ラブコメの主人公しか持つことの出来ない伝説のパラメータ『モテ期』!そんな伝説上のものを俺が持つ日がくるなんてな……
この夏は、いつもと何か違う気がするぞ!
……違うと分かってても一回言って見たかったんだよ。そんな目で見るなよな!
*
さてさてさーて!話を戻しましょうぞ、皆の衆!ここからが本番だ!俺が今から行う事は単純明快!みんなも一緒にやってみよう!
ステップ1
目の前に
ステップ2
いただきますと言い、
てか、青?青ってなに!?青ってなんなのさ、李梨沙ぁ……
くおぉぉぉぉぉ…………
ス、ステップ3……
ピーンポーン
「……はい。」
俺がチャイムを鳴らすと、我が推し李梨沙がドアを少し開け、そのご尊顔を見せてくれる。ん?なんか今日も変わらず俺は睨まれてるけど、額に青筋が浮かんでいるような……
「あ、あの!今日もありがとうございました!美味しかった……です!」
「あぁ。あれですか。別に」
……おかしい。
いや、反応はいつも通りだよ?いつも通りゲームチャットにあらかじめ入ってる定型文ぽいけど、なんか、こう、今日の李梨沙からは哀愁を感じる。
ここは今後の良好な関係の為にも、意を決して理由を聞くべし!
「えーと、もしかして俺何か失礼なことでもしましたか……?もし、そうであれば、本当に……」
「彼女ですか?」
「……へ?」
「彼女ですか?」
「いや、あの、なにが」
「彼女ですか?」
ど、どうしたというんだ李梨沙!
我が愛しの推しが壊れた彼女ですか?人形になってしまった……!
ていうか、なんで彼女ですか?
あ!もしかしてさっきの白瀬さんの自宅訪問を李梨沙が見ていたのか!?となるとまずい……
李梨沙が俺に彼女がいると勘違いしていて、知らず知らずな間に彼女持ち男性に手料理をふるまっていたんだ私……っていう罪悪感を抱いている可能性がある!

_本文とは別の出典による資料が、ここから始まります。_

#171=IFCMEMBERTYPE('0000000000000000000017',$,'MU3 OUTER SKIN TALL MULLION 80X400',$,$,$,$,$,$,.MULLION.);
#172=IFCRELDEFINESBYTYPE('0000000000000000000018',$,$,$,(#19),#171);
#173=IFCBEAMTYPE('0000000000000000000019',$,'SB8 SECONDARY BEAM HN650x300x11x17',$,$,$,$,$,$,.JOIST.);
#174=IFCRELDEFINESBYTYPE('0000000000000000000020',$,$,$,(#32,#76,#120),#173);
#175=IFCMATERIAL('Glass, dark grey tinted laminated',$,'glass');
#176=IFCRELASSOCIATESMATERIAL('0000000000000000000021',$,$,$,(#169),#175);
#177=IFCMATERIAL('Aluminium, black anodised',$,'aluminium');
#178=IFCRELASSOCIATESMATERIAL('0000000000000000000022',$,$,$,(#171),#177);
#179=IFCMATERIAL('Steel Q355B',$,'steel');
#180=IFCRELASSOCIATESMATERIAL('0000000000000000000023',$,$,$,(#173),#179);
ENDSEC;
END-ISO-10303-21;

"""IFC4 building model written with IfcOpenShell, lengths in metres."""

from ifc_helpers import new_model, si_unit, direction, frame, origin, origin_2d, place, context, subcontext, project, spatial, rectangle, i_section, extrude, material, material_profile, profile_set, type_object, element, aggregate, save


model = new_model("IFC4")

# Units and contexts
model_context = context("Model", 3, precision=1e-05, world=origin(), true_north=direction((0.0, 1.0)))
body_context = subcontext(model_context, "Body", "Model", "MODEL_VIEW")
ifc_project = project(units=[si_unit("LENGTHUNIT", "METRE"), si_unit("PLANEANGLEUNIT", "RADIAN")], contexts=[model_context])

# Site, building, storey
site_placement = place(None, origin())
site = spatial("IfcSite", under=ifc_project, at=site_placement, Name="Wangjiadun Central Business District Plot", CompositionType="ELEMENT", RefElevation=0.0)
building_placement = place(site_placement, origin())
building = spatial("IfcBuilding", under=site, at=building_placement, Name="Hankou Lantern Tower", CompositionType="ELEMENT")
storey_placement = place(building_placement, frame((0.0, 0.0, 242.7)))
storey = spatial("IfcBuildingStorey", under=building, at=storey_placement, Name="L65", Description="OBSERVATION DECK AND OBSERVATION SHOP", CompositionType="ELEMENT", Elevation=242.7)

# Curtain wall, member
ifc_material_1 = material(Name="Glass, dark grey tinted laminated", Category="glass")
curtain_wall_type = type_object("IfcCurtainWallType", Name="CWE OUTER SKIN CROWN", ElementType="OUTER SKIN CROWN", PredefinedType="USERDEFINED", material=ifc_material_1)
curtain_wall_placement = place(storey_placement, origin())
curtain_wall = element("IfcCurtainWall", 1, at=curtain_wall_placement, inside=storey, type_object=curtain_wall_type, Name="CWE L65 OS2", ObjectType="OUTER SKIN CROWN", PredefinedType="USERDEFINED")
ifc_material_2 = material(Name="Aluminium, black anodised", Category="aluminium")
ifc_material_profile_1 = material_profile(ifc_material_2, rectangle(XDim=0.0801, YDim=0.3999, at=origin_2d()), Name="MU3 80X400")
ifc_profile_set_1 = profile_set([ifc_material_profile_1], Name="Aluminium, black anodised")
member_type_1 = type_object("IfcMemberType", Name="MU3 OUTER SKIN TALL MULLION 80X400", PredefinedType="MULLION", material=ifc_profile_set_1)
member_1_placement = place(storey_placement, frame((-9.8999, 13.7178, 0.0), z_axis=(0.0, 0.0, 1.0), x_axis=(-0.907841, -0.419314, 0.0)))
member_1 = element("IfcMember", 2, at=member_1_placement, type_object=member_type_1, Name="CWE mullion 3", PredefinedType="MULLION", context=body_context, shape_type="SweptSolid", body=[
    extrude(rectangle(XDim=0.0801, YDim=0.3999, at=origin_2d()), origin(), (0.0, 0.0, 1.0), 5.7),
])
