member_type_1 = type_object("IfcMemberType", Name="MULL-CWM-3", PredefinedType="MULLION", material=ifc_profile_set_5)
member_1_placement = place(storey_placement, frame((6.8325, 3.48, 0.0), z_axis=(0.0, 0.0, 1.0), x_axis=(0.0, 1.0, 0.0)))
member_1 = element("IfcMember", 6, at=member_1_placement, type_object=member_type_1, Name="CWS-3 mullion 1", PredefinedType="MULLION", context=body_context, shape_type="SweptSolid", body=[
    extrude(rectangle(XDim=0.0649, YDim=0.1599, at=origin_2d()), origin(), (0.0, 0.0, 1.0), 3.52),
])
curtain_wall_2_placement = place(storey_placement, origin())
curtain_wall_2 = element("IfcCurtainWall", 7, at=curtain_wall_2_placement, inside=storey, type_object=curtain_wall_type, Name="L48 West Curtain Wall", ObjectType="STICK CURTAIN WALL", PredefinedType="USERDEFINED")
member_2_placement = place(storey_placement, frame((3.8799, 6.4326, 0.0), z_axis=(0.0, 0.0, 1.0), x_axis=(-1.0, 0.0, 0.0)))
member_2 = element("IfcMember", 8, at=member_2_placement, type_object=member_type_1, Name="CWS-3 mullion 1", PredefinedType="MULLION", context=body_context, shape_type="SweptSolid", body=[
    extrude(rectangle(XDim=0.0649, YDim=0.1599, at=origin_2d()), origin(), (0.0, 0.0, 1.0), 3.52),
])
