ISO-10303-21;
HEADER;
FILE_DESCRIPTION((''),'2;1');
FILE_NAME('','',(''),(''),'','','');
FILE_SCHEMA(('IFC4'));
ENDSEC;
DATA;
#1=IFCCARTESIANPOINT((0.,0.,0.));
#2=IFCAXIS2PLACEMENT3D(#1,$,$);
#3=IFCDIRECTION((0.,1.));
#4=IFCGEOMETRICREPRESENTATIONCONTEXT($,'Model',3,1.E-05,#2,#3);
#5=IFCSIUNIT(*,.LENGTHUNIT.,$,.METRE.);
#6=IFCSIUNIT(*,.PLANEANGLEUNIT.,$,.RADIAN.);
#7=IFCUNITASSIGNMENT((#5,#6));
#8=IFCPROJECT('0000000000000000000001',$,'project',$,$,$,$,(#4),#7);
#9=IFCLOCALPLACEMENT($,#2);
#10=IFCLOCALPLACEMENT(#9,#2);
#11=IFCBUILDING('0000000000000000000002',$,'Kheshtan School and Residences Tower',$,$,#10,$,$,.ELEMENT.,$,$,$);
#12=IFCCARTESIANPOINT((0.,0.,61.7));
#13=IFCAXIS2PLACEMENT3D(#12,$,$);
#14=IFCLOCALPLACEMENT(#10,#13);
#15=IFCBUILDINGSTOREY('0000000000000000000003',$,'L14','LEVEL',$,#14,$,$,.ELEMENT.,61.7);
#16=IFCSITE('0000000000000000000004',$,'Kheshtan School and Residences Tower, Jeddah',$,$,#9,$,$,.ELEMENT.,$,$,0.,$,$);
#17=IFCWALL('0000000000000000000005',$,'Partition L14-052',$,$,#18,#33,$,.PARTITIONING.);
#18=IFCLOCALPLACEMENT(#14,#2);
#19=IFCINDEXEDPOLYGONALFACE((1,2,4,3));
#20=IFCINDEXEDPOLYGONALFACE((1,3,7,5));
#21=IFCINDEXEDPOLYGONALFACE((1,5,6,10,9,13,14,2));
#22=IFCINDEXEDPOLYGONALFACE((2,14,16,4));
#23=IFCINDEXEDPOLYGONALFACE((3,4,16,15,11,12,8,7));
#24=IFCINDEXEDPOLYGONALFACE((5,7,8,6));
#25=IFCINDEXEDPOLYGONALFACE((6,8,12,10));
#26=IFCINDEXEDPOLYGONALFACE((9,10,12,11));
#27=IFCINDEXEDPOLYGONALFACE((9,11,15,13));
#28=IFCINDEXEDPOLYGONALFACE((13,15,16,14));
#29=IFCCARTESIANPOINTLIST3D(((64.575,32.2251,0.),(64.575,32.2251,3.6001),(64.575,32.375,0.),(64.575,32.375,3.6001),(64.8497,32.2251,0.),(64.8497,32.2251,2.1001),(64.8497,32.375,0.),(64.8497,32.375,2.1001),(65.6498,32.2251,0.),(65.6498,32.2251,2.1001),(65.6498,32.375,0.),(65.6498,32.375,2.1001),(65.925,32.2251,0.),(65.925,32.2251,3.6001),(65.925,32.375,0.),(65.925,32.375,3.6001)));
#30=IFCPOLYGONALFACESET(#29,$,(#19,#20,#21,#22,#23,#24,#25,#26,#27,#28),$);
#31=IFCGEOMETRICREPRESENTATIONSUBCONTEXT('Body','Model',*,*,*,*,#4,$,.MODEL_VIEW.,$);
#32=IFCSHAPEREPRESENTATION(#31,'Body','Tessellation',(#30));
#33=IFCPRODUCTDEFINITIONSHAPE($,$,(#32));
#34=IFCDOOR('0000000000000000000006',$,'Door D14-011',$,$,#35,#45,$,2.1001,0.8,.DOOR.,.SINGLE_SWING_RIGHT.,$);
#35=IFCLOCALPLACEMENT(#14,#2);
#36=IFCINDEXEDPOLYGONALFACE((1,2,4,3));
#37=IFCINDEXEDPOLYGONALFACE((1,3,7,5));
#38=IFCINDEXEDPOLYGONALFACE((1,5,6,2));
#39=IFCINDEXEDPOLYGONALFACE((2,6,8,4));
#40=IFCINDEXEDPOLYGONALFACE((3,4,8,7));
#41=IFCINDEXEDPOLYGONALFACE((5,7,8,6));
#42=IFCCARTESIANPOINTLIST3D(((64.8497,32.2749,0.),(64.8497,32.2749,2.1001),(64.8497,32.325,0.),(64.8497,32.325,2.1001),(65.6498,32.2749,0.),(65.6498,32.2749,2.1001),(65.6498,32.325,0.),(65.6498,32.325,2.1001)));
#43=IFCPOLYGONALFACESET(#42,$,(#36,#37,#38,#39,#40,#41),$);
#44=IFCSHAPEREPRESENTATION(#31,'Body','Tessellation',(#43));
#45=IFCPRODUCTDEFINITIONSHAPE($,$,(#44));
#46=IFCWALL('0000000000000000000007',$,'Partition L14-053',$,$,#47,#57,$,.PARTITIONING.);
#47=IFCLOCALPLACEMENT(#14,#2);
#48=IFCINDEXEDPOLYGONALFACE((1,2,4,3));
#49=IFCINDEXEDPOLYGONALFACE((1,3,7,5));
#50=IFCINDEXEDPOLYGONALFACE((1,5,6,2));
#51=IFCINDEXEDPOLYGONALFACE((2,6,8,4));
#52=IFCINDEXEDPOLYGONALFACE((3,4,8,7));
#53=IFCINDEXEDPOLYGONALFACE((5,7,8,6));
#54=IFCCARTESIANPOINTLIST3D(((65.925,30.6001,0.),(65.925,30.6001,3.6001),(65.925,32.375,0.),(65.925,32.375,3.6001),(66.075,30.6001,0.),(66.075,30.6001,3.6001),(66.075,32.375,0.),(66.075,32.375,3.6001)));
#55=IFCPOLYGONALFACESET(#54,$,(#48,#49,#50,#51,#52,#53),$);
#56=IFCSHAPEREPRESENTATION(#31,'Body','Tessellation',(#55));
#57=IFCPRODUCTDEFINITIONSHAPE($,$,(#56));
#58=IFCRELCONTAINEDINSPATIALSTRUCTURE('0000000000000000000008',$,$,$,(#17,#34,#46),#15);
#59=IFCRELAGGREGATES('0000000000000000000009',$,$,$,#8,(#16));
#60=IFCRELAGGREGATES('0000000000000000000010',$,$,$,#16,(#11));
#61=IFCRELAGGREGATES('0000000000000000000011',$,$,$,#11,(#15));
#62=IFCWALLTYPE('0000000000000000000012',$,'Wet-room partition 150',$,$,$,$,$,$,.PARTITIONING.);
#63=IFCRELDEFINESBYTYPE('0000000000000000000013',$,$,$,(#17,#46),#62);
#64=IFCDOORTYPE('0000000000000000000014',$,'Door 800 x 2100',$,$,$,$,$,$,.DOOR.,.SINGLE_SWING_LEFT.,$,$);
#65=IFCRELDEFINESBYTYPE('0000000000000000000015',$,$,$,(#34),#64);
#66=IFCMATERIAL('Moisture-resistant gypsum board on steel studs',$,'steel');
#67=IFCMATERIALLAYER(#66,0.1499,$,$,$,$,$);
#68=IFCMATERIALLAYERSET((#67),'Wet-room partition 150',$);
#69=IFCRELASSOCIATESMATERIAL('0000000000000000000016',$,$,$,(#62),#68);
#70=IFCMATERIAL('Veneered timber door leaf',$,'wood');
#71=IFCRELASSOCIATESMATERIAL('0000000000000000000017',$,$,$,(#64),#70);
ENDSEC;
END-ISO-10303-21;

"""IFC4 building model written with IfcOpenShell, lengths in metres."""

from ifc_helpers import new_model, si_unit, direction, frame, frame_2d, origin, place, context, subcontext, project, spatial, rectangle, extrude, source, transform, mapped, material, layer, layer_set, type_object, element, fill, save


model = new_model("IFC4")

# Units and contexts
model_context = context("Model", 3, precision=1e-05, world=origin(), true_north=direction((0.0, 1.0)))
body_context = subcontext(model_context, "Body", "Model", "MODEL_VIEW")
ifc_project = project(units=[si_unit("LENGTHUNIT", "METRE"), si_unit("PLANEANGLEUNIT", "RADIAN")], contexts=[model_context])

# Site, building, storey
site_placement = place(None, origin())
site = spatial("IfcSite", under=ifc_project, at=site_placement, Name="Kheshtan School and Residences Tower, Jeddah", CompositionType="ELEMENT", RefElevation=0.0)
building_placement = place(site_placement, origin())
building = spatial("IfcBuilding", under=site, at=building_placement, Name="Kheshtan School and Residences Tower", CompositionType="ELEMENT")
storey_placement = place(building_placement, frame((0.0, 0.0, 61.7)))
storey = spatial("IfcBuildingStorey", under=building, at=storey_placement, Name="L14", Description="LEVEL", CompositionType="ELEMENT", Elevation=61.7)

# Wall, opening, door
ifc_material_1 = material(Name="Moisture-resistant gypsum board on steel studs", Category="steel")
ifc_layer_1 = layer(ifc_material_1, 0.1499)
ifc_layer_set_1 = layer_set([ifc_layer_1], Name="Wet-room partition 150")
wall_type_1 = type_object("IfcWallType", Name="Wet-room partition 150", PredefinedType="PARTITIONING", material=ifc_layer_set_1)
wall_1_placement = place(storey_placement, frame((64.575, 32.3, 0.0), z_axis=(0.0, 0.0, 1.0), x_axis=(1.0, 0.0, 0.0)))
wall_1 = element("IfcWall", 1, at=wall_1_placement, inside=storey, type_object=wall_type_1, Name="Partition L14-052", PredefinedType="PARTITIONING", context=body_context, shape_type="SweptSolid", body=[
    extrude(rectangle(XDim=1.3501, YDim=0.1499, at=frame_2d((0.675, 0.0))), origin(), (0.0, 0.0, 1.0), 3.6001),
])
opening_1_placement = place(wall_1_placement, frame((0.2749, 0.0, 0.0)))
opening_1 = element("IfcOpeningElement", 2, at=opening_1_placement, cuts=wall_1, PredefinedType="OPENING", context=body_context, shape_type="SweptSolid", body=[
    extrude(rectangle(XDim=0.8, YDim=2.1001, at=frame_2d((0.3999, 1.05))), frame((0.0, 0.085, 0.0), z_axis=(0.0, -1.0, 0.0), x_axis=(1.0, 0.0, 0.0)), (0.0, 0.0, 1.0), 0.1699),
])
ifc_material_2 = material(Name="Veneered timber door leaf", Category="wood")
door_type_1 = type_object("IfcDoorType", Name="Door 800 x 2100", OperationType="SINGLE_SWING_LEFT", PredefinedType="DOOR", material=ifc_material_2)
shared_shape_1 = source(origin(), body_context, "Body", "SweptSolid", [
    extrude(rectangle(XDim=0.8, YDim=2.1001, at=frame_2d((0.3999, 1.05))), frame((0.0, 0.0249, 0.0), z_axis=(0.0, -1.0, 0.0), x_axis=(1.0, 0.0, 0.0)), (0.0, 0.0, 1.0), 0.05),
])
door_1_placement = place(opening_1_placement, origin())
door_1 = element("IfcDoor", 3, at=door_1_placement, inside=storey, type_object=door_type_1, Name="Door D14-011", OperationType="SINGLE_SWING_RIGHT", OverallHeight=2.1001, OverallWidth=0.8, PredefinedType="DOOR", context=body_context, shape_type="MappedRepresentation", body=[
    mapped(shared_shape_1, transform((0.0, 0.0, 0.0), x_axis=(1.0, 0.0, 0.0), y_axis=(0.0, 1.0, 0.0), z_axis=(0.0, 0.0, 1.0), scale=1.0)),
])
fill(opening_1, door_1)

# Wall
wall_2_placement = place(storey_placement, frame((66.0, 30.6001, 0.0), z_axis=(0.0, 0.0, 1.0), x_axis=(0.0, 1.0, 0.0)))
element("IfcWall", 4, at=wall_2_placement, inside=storey, type_object=wall_type_1, Name="Partition L14-053", PredefinedType="PARTITIONING", context=body_context, shape_type="SweptSolid", body=[
    extrude(rectangle(XDim=1.7749, YDim=0.1499, at=frame_2d((0.8875, 0.0))), origin(), (0.0, 0.0, 1.0), 3.6001),
])

save(model, "model.ifc")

おぉ、なんてことだ……今時そんなことを考える女性なんて少ないだろうに……
我が推し、いや我が天使は今日も最高だな!早いところ李梨沙を苦しみから解き放たねば!
「ちがいます!さっきの人は俺のバイト先であるカフェの同僚で、俺が元気がないのを心配してきてくれただけです!彼女ではないです!」
ピクッ
おぉ!李梨沙の方が少しピクッとうごいた!心なしか少し口元が緩んでいる!自信を取り戻したのね、李梨沙!
そうよ、あなたは清純派トップアイドル。心配するような事は何もしてないわ!いくのよ李梨沙!私と共にアイドルの頂点へ!
……今日の俺の情緒一時期のビットコインくらい不安定だな。
「そうですか。どこのカフェですか?」
「あ、天神にある 『RA–PAN』って言うところです!SNS映えするランチメニュー等もありますので、是非!」
「……えぇ、また今度」
「あ、はい……」
バタン
李梨沙はそう言うと、ドアを閉め強制的に会話を終了させた。
……なーに浮かれて、折角の会話チャンスに営業マンしてんだよぉぉぉ。
それにSNSの総フォロワー数 約800万人 の最強インフルエンサーの李梨沙に勧めるようなことでもないだろ……
千堂大地、一生の不覚。だが、久しぶりに見れた李梨沙の笑顔、しっかりと脳に焼きつけれたからオッケーです!
……はぁ。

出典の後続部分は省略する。